From ab461d83c4b78df70d310ce45e33ef145796611d Mon Sep 17 00:00:00 2001
From: Alpay Ariyak <98838263+alpayariyak@users.noreply.github.com>
Date: Thu, 5 Sep 2024 07:11:31 -0700
Subject: [PATCH] Fix documentation for pre-tokenized dataset (#1894)

It's currently asking to not add BOS and EOS, stating that Axolotl adds them, but this is not true
---
 docs/dataset-formats/tokenized.qmd | 2 +-
 1 file changed, 1 insertion(+), 1 deletion(-)

diff --git a/docs/dataset-formats/tokenized.qmd b/docs/dataset-formats/tokenized.qmd
index b2ea003c02..61028cae7f 100644
--- a/docs/dataset-formats/tokenized.qmd
+++ b/docs/dataset-formats/tokenized.qmd
@@ -7,7 +7,7 @@ order: 5
 - Pass an empty `type:` in your axolotl config.

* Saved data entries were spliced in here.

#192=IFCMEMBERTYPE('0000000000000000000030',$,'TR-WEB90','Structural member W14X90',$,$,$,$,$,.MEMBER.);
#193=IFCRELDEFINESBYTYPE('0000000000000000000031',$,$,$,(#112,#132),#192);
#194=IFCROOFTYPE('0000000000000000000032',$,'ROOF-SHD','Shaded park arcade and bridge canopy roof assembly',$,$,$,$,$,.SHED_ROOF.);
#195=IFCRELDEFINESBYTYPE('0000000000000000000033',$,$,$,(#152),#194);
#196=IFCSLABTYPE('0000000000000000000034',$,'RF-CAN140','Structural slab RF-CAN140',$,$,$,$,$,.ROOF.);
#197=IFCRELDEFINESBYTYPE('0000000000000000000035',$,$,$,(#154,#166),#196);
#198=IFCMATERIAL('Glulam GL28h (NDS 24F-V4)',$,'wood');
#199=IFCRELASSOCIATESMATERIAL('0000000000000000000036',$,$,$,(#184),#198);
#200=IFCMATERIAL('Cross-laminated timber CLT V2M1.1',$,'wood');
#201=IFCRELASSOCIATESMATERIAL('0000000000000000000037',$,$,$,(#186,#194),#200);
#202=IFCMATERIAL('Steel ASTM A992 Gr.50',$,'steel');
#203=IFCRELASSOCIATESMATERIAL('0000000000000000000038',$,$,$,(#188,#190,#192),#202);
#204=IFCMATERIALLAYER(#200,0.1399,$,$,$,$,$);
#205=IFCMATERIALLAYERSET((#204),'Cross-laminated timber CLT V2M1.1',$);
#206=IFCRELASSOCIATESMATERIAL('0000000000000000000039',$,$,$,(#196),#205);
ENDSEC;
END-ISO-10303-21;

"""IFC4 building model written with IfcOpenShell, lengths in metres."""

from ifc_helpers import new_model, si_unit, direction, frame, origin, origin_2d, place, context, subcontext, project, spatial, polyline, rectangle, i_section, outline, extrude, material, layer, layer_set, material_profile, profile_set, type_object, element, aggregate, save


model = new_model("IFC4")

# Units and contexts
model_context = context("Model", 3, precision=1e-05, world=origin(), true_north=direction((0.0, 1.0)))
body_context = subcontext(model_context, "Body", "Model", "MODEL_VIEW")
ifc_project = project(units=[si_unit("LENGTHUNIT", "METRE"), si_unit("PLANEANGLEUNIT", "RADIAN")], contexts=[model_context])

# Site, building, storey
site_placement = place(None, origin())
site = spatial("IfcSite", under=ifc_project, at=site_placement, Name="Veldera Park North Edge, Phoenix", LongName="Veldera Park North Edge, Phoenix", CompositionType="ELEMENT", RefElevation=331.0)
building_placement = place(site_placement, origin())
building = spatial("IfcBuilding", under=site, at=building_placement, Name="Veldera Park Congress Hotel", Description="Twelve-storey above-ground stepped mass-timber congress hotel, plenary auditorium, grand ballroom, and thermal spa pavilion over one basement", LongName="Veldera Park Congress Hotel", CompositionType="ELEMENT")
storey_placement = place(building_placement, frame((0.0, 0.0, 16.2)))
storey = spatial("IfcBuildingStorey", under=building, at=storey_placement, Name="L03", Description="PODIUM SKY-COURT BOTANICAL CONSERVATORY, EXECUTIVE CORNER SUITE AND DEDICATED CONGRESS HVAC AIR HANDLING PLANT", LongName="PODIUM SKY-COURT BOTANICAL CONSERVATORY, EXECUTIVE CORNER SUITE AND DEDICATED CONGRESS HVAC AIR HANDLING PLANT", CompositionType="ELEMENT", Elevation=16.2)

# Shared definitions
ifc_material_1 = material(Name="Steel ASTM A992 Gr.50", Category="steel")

 - Columns in Dataset must be exactly `input_ids`, `attention_mask`, `labels`
 - To indicate that a token should be ignored during training, set its corresponding label to `-100`.
-- Do not add BOS/EOS. Axolotl will add them for you based on the default tokenizer for the model you're using.
+- You must add BOS and EOS, and make sure that you are training on EOS by not setting its label to -100.
 - For pretraining, do not truncate/pad documents to the context window length.
 - For instruction training, documents must be truncated/padded as desired.